India’s Marathon Elections End, But Winners Still Unclear

May 13, 2009 Updated: October 1, 2015

Indian polling officials seal and certify the voting machines after the end of voting at a counting centre in Leh town in Ladakh parliamentary constituency in the northern Indian state of Jammu and Kashmir on May 13, 2009. (Manpreet Romana/AFP/Getty Images)
Indian polling officials seal and certify the voting machines after the end of voting at a counting centre in Leh town in Ladakh parliamentary constituency in the northern Indian state of Jammu and Kashmir on May 13, 2009. (Manpreet Romana/AFP/Getty Images)
India's marathon elections, involving a 714-million strong electorate, finally came to an end on May 13. But when the results are announced on May 16, it is expected to be a free-for-all with no clear winner and a loosely put-together coalition.

The nationwide elections are the first since the May 2004 elections which gave the Congress and its allies a surprise sweeping victory over the then-ruling Bhartiya Janata Party (BJP), which had been projected to win.

India's election is a multi-party poll. The usual lineup features two strong national parties—the Congress and the BJP—allying with several regional parties to produce a loosely bound majority coalition running the central government.

Neither national party has a clear and strong leader, and central and consistent themes have been scarce during this election. The elections have instead been dominated by regional issues, and it is expected that the regional parties will carry more clout in whichever coalition is formed at center.

The election is expected to be dictated by a few swing states, particularly the South-Eastern state of Tamil Nadu, which holds the key to 39 of the 543-seat lower house of parliament. Tamil Nadu voted in the last round of the elections, and the voters in the Dravidian state have almost always given an overwhelming support to one of the two major parties—DMK and the AIADMK—in the election.

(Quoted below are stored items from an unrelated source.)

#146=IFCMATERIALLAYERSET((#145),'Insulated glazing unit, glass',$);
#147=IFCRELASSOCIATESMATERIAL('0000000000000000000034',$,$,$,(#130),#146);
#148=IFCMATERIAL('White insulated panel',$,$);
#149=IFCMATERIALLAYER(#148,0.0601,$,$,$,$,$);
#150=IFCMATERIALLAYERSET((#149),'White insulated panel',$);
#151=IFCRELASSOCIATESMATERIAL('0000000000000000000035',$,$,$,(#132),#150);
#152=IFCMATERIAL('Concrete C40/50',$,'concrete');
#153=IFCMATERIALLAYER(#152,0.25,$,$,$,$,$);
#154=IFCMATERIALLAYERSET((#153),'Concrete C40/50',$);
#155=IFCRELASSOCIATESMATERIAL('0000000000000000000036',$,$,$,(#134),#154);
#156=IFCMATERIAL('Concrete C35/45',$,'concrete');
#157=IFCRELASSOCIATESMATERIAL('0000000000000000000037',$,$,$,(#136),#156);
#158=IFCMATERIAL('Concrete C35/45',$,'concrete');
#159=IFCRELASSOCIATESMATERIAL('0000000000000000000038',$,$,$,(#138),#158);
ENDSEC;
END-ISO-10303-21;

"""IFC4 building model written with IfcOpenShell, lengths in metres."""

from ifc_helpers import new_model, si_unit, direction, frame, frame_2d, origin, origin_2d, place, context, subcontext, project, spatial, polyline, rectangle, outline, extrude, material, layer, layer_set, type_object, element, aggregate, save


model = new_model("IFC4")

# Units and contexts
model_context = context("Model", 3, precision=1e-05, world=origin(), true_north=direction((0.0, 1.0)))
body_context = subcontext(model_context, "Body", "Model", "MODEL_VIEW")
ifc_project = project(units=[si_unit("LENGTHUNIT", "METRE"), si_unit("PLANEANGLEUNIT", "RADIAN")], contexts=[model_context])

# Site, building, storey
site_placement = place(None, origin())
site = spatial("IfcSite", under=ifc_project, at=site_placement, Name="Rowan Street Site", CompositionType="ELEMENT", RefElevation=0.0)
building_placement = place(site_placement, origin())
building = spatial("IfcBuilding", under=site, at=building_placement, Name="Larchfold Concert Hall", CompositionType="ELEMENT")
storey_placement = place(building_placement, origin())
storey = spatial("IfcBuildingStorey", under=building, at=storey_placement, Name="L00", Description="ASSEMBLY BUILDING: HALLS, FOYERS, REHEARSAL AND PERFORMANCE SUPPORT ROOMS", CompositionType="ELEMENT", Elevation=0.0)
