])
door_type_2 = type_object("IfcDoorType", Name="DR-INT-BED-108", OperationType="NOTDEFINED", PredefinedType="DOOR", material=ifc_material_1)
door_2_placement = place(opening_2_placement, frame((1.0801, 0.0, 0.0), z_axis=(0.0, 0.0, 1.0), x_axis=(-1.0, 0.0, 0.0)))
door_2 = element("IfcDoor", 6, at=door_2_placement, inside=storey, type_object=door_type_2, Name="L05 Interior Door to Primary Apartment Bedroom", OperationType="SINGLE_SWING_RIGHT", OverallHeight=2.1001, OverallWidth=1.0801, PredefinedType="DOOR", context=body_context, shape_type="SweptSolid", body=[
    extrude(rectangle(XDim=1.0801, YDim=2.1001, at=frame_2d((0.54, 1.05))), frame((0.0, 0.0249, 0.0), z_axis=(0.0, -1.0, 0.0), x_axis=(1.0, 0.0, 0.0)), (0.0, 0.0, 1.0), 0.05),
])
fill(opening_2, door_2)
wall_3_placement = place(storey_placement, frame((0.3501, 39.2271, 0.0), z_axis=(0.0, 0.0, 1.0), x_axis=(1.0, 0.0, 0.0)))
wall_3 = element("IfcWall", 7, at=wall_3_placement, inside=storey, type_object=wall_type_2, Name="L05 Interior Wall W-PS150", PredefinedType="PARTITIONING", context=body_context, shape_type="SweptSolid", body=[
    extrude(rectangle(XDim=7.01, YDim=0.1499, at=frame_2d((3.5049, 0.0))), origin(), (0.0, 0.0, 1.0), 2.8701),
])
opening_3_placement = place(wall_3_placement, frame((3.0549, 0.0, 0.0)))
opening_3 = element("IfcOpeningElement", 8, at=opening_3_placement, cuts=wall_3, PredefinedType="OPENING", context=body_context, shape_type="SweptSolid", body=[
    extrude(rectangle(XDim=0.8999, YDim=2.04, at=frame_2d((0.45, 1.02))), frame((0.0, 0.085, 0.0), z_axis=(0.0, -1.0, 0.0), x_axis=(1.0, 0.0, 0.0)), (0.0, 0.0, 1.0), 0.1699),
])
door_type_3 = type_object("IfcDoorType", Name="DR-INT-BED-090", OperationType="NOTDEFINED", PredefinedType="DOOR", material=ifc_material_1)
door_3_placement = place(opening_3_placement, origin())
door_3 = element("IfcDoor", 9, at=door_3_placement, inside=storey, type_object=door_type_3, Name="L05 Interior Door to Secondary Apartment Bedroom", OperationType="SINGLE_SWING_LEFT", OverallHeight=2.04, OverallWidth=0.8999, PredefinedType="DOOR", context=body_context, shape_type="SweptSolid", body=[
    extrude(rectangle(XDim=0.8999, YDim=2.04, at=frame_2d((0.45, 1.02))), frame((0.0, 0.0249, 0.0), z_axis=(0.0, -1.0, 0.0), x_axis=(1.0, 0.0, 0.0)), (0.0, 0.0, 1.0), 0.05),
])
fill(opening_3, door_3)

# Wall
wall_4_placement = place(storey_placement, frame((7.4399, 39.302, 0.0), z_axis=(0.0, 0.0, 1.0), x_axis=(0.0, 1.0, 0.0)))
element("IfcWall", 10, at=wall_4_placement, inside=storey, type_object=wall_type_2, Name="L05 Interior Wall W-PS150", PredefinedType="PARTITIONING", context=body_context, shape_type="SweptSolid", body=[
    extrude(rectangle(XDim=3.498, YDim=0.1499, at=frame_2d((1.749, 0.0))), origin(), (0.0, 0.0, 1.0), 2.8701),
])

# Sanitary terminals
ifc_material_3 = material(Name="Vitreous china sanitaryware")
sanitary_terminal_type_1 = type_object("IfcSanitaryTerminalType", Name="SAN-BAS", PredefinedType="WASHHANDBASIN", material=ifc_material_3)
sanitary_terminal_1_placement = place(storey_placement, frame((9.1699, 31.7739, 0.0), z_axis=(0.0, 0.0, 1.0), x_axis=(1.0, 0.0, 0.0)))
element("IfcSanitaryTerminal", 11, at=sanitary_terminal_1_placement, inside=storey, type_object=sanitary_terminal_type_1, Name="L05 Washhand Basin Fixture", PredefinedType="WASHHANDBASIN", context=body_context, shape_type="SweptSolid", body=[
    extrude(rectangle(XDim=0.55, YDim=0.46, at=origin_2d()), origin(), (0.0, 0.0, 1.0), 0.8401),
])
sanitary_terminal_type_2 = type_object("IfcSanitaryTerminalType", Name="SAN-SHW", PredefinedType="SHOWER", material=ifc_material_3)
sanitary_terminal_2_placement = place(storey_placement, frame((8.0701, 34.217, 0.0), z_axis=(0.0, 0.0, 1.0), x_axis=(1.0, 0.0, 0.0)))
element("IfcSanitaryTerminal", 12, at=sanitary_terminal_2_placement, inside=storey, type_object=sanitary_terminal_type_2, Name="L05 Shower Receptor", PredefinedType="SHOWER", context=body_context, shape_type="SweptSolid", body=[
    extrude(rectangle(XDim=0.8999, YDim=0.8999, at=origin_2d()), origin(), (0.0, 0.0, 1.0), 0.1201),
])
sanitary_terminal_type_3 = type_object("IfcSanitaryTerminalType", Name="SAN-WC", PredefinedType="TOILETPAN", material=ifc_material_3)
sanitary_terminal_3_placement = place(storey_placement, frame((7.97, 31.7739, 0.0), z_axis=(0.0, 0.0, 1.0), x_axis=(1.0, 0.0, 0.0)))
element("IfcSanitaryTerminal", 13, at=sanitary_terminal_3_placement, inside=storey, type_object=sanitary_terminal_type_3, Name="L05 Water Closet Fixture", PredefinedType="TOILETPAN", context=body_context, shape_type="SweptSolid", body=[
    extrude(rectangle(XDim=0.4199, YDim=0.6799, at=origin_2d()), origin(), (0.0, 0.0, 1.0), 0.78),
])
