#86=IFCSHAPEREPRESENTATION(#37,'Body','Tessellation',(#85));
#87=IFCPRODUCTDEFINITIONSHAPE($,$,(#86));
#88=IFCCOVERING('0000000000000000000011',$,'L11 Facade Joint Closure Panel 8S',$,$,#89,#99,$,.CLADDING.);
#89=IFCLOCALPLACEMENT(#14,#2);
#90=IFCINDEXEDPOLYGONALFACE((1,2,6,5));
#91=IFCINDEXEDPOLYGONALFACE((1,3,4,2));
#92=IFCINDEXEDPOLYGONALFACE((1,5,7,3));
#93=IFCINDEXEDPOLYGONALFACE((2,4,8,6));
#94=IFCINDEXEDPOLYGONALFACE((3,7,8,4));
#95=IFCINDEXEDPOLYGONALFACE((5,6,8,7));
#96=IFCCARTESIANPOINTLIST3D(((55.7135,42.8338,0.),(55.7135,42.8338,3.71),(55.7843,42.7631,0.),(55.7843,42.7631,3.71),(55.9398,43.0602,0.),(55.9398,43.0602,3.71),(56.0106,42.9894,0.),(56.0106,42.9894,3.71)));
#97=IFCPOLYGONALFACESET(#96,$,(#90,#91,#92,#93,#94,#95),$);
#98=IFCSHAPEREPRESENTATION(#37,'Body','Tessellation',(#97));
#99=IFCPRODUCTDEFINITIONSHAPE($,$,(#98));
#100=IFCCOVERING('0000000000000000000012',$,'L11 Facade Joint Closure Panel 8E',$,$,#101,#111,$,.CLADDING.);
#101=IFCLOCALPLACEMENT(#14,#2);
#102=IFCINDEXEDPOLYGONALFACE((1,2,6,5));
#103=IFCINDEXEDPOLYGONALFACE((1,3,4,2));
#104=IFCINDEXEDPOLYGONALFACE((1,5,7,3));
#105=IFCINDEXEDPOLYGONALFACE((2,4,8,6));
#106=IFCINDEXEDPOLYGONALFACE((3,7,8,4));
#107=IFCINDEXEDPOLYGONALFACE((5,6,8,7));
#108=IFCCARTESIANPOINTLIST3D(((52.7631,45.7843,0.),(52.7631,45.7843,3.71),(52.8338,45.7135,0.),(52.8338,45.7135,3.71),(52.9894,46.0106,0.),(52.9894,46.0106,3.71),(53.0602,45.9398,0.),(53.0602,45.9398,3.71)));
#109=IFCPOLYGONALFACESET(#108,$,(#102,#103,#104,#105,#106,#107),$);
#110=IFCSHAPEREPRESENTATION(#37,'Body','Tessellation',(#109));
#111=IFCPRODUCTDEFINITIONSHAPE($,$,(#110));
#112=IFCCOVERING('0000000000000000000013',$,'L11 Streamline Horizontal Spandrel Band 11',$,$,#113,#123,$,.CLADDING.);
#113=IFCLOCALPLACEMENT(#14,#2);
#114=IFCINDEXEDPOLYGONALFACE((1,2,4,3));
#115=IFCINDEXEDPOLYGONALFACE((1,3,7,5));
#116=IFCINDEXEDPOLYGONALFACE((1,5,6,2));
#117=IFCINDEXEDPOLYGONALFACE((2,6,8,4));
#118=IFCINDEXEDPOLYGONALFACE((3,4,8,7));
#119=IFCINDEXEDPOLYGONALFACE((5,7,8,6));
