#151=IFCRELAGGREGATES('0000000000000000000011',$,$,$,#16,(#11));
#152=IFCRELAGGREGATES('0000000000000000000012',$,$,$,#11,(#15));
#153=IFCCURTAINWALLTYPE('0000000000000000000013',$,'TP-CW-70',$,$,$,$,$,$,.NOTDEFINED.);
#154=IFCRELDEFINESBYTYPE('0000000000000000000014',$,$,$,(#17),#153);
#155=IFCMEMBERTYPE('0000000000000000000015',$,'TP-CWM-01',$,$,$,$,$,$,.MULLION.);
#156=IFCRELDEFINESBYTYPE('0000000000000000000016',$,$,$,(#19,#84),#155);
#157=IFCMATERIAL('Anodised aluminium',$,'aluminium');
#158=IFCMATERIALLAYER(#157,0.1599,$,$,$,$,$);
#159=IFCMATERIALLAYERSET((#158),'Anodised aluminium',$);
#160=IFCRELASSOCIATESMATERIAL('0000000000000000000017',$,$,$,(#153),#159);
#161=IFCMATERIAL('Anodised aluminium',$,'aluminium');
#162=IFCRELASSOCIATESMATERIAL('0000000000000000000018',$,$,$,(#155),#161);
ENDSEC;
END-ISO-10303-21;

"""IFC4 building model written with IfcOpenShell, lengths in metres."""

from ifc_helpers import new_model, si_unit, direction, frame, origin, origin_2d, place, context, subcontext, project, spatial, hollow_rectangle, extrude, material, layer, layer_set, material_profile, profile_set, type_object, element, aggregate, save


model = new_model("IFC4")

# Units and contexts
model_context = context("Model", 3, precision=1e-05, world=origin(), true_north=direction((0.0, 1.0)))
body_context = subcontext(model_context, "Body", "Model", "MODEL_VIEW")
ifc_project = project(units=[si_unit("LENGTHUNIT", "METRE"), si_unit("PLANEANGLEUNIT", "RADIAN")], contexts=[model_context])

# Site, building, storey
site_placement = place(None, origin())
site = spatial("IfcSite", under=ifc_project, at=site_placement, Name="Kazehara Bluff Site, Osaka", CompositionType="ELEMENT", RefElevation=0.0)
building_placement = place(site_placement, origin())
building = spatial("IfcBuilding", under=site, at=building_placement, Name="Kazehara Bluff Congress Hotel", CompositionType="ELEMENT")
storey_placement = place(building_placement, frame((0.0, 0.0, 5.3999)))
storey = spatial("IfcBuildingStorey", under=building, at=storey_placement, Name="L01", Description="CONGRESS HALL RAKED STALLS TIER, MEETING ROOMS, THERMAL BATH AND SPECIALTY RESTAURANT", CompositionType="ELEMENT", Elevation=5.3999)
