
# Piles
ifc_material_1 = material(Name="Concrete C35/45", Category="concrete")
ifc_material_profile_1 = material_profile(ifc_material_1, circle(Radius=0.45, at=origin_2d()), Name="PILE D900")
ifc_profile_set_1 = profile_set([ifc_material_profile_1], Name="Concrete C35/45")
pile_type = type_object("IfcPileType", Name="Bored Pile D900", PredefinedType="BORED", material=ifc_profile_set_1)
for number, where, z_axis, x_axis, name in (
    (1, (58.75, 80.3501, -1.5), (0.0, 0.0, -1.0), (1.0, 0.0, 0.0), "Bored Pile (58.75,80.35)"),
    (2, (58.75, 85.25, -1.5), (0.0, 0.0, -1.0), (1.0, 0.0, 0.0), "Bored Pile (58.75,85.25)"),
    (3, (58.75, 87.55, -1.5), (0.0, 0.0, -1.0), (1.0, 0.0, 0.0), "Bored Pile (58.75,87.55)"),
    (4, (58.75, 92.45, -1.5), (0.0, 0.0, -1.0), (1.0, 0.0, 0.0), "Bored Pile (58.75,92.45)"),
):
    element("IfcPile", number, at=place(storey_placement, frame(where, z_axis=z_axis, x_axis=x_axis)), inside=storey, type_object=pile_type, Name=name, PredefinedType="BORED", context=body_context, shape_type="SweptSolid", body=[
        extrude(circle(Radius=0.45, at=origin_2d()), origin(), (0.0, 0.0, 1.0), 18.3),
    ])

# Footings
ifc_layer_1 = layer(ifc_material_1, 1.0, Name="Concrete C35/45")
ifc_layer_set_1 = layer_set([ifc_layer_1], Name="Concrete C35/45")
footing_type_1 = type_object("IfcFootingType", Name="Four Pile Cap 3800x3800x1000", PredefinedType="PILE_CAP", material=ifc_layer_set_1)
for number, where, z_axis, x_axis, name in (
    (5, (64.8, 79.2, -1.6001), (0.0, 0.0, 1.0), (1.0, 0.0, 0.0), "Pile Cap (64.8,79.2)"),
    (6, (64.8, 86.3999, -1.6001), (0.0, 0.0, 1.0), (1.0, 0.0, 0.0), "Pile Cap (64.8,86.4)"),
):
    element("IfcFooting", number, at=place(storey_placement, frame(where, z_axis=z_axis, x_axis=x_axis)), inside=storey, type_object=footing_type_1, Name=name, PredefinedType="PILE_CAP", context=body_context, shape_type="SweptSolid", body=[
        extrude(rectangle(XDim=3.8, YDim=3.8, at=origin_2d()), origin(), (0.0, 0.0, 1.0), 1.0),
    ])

The final round of votes India, the world’s largest democracy, brings to an end a five-step, staggered election process that began on April 16.

Economy and Foreign Issues

The elections come after five years of relative political stability under a Congress-led alliance, though that stability was briefly rocked in July 2008 when the Communist Party coalition withdrew support from the Congress over the nuclear pact with the United States. The Congress-led coalition survived the vote of no-confidence by brokering a last-minute support deal with a regional party, the Samajwadi Party, allowing the nuclear pact to be signed with the U.S. administration in October 2008.

These elections come at a critical time for India. Its economy has slightly contracted, with slower growth expected than in the recent past, and it faces a major foreign policy meltdown with neighboring countries Pakistan, Sri Lanka and China.

India has not suffered as much from the global economic downturn—mostly because of conservative lending rules and strict policies by the Reserve Bank of India (RBI) which sets the tone for real estate loans. But while its internal real estate and lending market remains stable, India has nevertheless suffered from the global credit crunch as foreign investors have pulled back investment from the stock market, and foreign software and engineering companies have slowed down their investment due to the weak economy.

Meanwhile, neighbor Pakistan grapples with the Taliban and internal security issues, and Indian intelligence agencies and the army are worried that the Taliban already control vast areas of Pakistan.

Towards the South, the Sri Lankan government and the Tamil Tiger rebels have a critical face-off in what is described as the Tigers' last stand. The Tigers are classified as a terrorist group by several countries, and while the Sri Lankan war has allowed the government to re-capture vast areas once ruled by the Tigers, it has also been a public relations disaster for the government. The Sri Lankan government has been accused of the assassination of a journalist with critical views, as well as heavy-handed measures with media, NGOs, Tamil refugees and civilians caught in the crossfire.

Meanwhile, China’s increasing naval presence and military weight in the Indian Ocean has India and neighboring countries on edge.

The Chinese Communist Party recently started providing military support to the Sri Lankan government, and in exchange has been allowed to build a naval base in a critical location in the island nation. In late April, India’s Home Minister P. Chidambaram snapped back at the regime’s moves in an interview with the Hindustan Times newspaper, “China is fishing in troubled waters … China is acting with a clear agenda.”

The Sri Lanka war has been used as an issue in the electoral campaign in the state of Tamil Nadu by AIADMK leader Ms. J. Jayalalitha. But the impact of the Tamil Tigers' fate has not had as much impact in the state as it has around the world, and the elections are still expected to be mostly dominated by internal issues.